# Which is best to learn? ASP / PHP etc etc



## paulb100 (Mar 17, 2005)

I want to learn web programming primarily for databases and interactive content..

There are so many web-programming languages but I dont know which one is best - I heard ASP.NET is the better one but is it?

When I see Job Openings for web design it seems to be mostly PHP they require (other than Dreamweaver & Flash)....

I have Adobe Masters Collection, Frontpage and Visual Web Developer

Fixing Computers is my forte - I done a website for a friend and now Im doing TWO more so I wouldnt mind bettering my skills cos as of this moment I can only build basic sites with tables etc

thanks


----------



## LauraMJ (Mar 18, 2004)

Moving this thread to the proper forum, you should get more answers here.


----------



## namenotfound (Apr 30, 2005)

paulb100 said:


> When I see Job Openings for web design it seems to be mostly PHP they require (other than Dreamweaver & Flash)....


That's probably because PHP is free, Apache is free, and MySQL is free. So it's more cost effect for companies to use it.


----------



## TheRobatron (Oct 25, 2007)

IMO the .NET framework is overpriced and it needs a Windows server to run on. Anyone can learn and use PHP and Linux hosting packages are a lot cheaper than Windows for pretty much the same deal, which is why it's more common.

As for the actual language, I don't know much about ASP but I picked up PHP in a couple of weeks (with previous programming experience). There is a massive debate on the matter - just search for "PHP vs ASP". Some claim that because ASP is professionally developed it is better than the open source alternative. This may be true in many cases, but PHP is cheaper and easier (in terms of getting space to run it) to learn. And of course there's the fact that you're supporting an open source project


----------



## MMJ (Oct 15, 2006)

paulb100 said:


> I want to learn web programming primarily for databases and interactive content..
> 
> There are so many web-programming languages but I dont know which one is best - I heard ASP.NET is the better one but is it?
> 
> ...


*ASP* - Don't ever learn this!
*ASP.NET* - If you are looking for enterprise work or want to learn C# and enterprise programming then learn this. In most cases this will pay better then PHP.
*PHP* - If you plan to work on personal projects then learn this. In most cases you can finish projects much faster than other languages. However (in most cases) it is much easier to write ugly PHP compared to other languages.

If you go for PHP then *learn it good*! Learn *proper practices* and OOP when working with large projects. 99% of scripts and PHP code found on the internet contains bad practices!

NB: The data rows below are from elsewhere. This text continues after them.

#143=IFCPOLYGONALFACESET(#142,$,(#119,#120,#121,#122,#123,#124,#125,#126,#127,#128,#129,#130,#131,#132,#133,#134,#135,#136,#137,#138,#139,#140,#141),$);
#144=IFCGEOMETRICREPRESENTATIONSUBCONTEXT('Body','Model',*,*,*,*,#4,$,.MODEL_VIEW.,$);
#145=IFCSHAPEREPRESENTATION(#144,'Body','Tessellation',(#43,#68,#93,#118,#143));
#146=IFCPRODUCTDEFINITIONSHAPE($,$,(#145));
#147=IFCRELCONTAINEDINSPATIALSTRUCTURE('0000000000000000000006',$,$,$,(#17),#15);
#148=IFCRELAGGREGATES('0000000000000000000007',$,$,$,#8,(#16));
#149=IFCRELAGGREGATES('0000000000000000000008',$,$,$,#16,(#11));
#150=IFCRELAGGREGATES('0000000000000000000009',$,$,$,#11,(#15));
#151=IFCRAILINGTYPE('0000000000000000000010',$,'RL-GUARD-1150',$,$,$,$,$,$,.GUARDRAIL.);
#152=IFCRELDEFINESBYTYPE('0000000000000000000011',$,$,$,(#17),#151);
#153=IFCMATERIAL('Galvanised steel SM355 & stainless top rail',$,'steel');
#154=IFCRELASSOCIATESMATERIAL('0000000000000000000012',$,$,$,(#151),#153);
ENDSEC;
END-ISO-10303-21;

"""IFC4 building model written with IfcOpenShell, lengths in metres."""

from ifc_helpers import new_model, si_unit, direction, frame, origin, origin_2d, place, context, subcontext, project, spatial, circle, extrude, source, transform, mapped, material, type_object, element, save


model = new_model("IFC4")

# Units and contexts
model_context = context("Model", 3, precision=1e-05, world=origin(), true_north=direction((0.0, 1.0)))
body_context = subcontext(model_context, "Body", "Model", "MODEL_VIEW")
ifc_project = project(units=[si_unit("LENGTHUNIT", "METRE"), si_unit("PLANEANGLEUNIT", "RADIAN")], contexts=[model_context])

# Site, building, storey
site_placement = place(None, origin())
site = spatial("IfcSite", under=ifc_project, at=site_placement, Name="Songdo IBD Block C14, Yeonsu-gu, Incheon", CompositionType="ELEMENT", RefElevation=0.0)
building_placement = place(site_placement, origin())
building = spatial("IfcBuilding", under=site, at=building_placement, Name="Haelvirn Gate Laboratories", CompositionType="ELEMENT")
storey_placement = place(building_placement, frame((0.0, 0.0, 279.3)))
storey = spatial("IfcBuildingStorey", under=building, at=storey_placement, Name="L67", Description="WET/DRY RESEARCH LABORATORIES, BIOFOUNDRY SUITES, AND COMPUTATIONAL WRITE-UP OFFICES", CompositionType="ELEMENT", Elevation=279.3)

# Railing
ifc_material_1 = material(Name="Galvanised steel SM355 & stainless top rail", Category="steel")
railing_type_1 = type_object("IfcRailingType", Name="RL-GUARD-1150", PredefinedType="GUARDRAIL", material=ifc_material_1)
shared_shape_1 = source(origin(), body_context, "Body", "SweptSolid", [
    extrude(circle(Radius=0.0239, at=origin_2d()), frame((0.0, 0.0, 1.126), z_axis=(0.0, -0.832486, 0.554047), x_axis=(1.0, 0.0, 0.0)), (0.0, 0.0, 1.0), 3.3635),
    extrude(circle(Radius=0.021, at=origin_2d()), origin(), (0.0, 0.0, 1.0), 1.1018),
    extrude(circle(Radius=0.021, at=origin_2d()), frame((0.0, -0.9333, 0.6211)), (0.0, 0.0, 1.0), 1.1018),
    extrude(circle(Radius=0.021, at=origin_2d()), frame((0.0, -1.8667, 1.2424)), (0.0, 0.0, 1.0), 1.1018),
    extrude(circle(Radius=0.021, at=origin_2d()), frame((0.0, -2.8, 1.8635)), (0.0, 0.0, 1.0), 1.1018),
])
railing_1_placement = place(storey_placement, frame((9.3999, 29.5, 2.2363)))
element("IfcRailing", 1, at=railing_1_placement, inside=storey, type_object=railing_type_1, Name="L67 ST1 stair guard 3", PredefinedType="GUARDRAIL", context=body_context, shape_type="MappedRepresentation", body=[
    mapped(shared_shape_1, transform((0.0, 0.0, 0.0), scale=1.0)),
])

This article is a *very* good read. Keep it in mind when working on PHP.

http://www.oreillynet.com/ruby/blog/2007/09/7_reasons_i_switched_back_to_p_1.html


----------



## dudeking (Feb 7, 2007)

I have had 2 clients in the last few months get rid of me half way through projects because they want ASP.net ASP (yeah dnt lean it). But get get big money its ASP.net, PHP is fun and easier, and still creates some amazing stuff


----------



## paulb100 (Mar 17, 2005)

wow thanks for your replys guys - i now know where i stand... 

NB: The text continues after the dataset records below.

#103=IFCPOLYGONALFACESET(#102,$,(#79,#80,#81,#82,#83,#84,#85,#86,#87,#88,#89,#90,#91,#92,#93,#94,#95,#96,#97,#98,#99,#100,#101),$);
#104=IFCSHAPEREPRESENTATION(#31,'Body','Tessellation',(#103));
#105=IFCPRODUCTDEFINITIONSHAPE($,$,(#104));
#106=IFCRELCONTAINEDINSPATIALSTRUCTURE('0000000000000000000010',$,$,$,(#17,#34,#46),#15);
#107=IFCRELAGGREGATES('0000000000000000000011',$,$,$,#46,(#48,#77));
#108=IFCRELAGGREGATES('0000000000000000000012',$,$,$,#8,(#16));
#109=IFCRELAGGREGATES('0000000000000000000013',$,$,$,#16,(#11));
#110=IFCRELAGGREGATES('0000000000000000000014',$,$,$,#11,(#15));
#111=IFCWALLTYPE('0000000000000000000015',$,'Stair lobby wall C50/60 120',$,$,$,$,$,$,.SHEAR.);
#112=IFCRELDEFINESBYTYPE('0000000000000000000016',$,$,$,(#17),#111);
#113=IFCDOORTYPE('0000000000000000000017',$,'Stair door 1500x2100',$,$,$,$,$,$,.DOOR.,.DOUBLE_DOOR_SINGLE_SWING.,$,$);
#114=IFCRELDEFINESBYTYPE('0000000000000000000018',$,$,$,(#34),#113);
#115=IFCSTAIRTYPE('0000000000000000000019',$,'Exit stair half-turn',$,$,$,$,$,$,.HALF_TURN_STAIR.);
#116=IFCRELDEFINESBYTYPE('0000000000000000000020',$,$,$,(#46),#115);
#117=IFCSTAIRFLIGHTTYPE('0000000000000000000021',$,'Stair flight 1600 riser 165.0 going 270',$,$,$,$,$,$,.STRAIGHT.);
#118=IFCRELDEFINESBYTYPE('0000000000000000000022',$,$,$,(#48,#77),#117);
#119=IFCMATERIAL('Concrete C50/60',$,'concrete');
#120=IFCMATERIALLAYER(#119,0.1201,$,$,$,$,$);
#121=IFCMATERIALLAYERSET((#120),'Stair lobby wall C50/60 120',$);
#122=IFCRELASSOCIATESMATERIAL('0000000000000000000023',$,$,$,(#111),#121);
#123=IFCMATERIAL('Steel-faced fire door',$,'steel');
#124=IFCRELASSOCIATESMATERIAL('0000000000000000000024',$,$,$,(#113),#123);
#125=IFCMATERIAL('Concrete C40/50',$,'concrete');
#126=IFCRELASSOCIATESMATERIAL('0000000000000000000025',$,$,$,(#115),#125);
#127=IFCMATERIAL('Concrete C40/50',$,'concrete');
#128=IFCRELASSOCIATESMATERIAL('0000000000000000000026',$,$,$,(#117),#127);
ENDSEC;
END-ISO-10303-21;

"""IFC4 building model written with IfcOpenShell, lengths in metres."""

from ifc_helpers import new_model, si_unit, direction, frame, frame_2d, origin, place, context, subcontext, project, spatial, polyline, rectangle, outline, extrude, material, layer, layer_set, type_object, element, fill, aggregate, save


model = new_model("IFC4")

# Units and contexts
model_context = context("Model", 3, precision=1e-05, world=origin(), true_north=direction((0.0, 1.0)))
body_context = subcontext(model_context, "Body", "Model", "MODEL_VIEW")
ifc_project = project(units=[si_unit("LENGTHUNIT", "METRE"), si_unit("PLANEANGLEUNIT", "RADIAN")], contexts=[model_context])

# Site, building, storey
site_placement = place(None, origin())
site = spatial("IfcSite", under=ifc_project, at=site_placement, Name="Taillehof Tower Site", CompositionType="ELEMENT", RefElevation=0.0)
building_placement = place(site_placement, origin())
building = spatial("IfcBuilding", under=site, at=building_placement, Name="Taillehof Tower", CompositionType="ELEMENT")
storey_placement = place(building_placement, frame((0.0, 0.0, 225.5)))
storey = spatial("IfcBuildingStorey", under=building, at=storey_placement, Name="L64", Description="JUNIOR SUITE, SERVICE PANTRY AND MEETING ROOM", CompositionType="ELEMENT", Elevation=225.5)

I want to learn C# so maybe im best learning BOTH - I have books on VB , C# and JAVAscript which im dying to get stuck into and PDF's + video-tutorials for Dreamweaver, Flash, Photoshop, SEO, CSS, PHP+MySQL - but the problem seems to be I want to learn so much but dont know what to start with? and work & my newly found web-projects seem to take up all my time..

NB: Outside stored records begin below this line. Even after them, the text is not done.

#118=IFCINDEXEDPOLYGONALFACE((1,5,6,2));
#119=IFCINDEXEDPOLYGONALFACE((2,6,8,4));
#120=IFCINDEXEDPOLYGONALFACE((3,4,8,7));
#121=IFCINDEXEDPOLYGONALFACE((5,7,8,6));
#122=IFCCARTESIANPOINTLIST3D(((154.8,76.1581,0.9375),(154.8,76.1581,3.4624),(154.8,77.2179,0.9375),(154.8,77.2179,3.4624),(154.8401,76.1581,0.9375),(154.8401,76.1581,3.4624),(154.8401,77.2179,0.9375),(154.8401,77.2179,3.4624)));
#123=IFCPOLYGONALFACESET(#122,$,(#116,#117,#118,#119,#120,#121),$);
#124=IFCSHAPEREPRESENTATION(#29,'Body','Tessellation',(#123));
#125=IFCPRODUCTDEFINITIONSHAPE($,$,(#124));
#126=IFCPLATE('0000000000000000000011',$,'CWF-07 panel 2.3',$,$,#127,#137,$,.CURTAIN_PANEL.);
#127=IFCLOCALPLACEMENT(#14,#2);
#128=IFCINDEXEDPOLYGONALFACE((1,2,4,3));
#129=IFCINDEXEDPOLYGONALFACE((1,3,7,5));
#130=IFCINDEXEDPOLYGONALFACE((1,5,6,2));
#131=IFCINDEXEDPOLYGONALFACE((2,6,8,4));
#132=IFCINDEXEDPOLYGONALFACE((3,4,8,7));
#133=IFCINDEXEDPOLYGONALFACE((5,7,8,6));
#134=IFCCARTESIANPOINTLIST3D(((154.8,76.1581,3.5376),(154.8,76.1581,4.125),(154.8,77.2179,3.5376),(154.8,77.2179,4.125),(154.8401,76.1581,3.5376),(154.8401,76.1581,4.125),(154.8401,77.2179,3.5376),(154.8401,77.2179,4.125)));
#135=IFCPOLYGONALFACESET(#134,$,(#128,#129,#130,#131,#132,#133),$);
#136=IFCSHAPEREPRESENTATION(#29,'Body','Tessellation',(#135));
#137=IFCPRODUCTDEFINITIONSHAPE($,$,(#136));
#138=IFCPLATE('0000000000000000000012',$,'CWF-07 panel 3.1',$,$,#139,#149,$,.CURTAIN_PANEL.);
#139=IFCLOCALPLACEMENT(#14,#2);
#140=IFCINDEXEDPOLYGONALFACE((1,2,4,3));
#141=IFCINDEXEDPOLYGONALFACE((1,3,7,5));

maybe i should start with what I require - my line of work is PC Repair / IT Consultant but Iam getting requests for websites to be built so I think maybe its important that I learn More Dreamweaver, Photoshop / illustrator , CSS, SEO , PHP , ASP.NET , MySQL first then in my spare-time I can study C# (this will help with ASP.NET) , JAVAscript , Flash etc....


----------



## MMJ (Oct 15, 2006)

If you are getting requests for websites than do them in PHP, it won't be worth the effort in ASP.NET.


----------



## paulb100 (Mar 17, 2005)

yeah so I see.... ive got my tutorials...
thanks


----------



## MRdNk (Apr 7, 2007)

I say PHP. Its FREE, and so a lot cheaper to make your own projects, the downside is that companies are obsessed with Microsoft and therefore ASP & ASP.NET are good for that type of career. Best would be to convince your client that PHP is better.


----------



## skyhigh007 (Jun 17, 2004)

whats the best, effective and easy way to learn PHP?


----------



## dudeking (Feb 7, 2007)

trial and errors how i learnt but took 2/3 years lol


----------



## namenotfound (Apr 30, 2005)

php.net is a good place to learn


----------



## TheRobatron (Oct 25, 2007)

skyhigh007 said:


> whats the best, effective and easy way to learn PHP?


I used a combination of books and internet tutorials. I have PHP and MySQL for dummies, learn PHP in 24 hours and I borrowed a couple of other books from my library. I learnt PHP fairly quickly because I already had quite a good grasp of the principles of programming, but PHP is pretty simple anyway. I'd agree with namenotfound that php.net is an awesome resource for learning the language - I still use it a lot for reference of functions. But everyone learns differently, so you really have to find your own way that suits you. Good luck


----------



## skyhigh007 (Jun 17, 2004)

I'm afraid of learning sessions, cookies, and scopes!


----------



## namenotfound (Apr 30, 2005)

MRdNk said:


> I say PHP. Its FREE, and so a lot cheaper to make your own projects, the downside is that companies are obsessed with Microsoft and therefore *ASP &* ASP.NET are good for that type of career. Best would be to convince your client that PHP is better.


ASP is a dead language.
ASP.NET is what's "hot" right now.


----------



## MMJ (Oct 15, 2006)

skyhigh007 said:


> I'm afraid of learning sessions, cookies, and scopes!


Those are pretty easy, and variable scopes are very simple to grasp.

Learning proper OOP, and the more intricate stuff like working with different number bases (hex, binary), etc are much harder. Obviously these skills do not only apply to PHP, they apply to computer programming in general.


----------



## paulb100 (Mar 17, 2005)

when I was younger I used to program in basic on my ZX Spectrum 48k haha - but that will help me when i come to learn PHP, C# etc wont it? they work on the same principals as OOP

my first ever code:

10 PRINT "HELLO WORLD";
20 GOTO 10 

HAHA - remember those days - i got much better than just that , I could create my own graphics and use if / and / or / ="" and all the rest of it


----------



## skyhigh007 (Jun 17, 2004)

I learned Java programming language when i was in college. PHP is so messy and confusing!


----------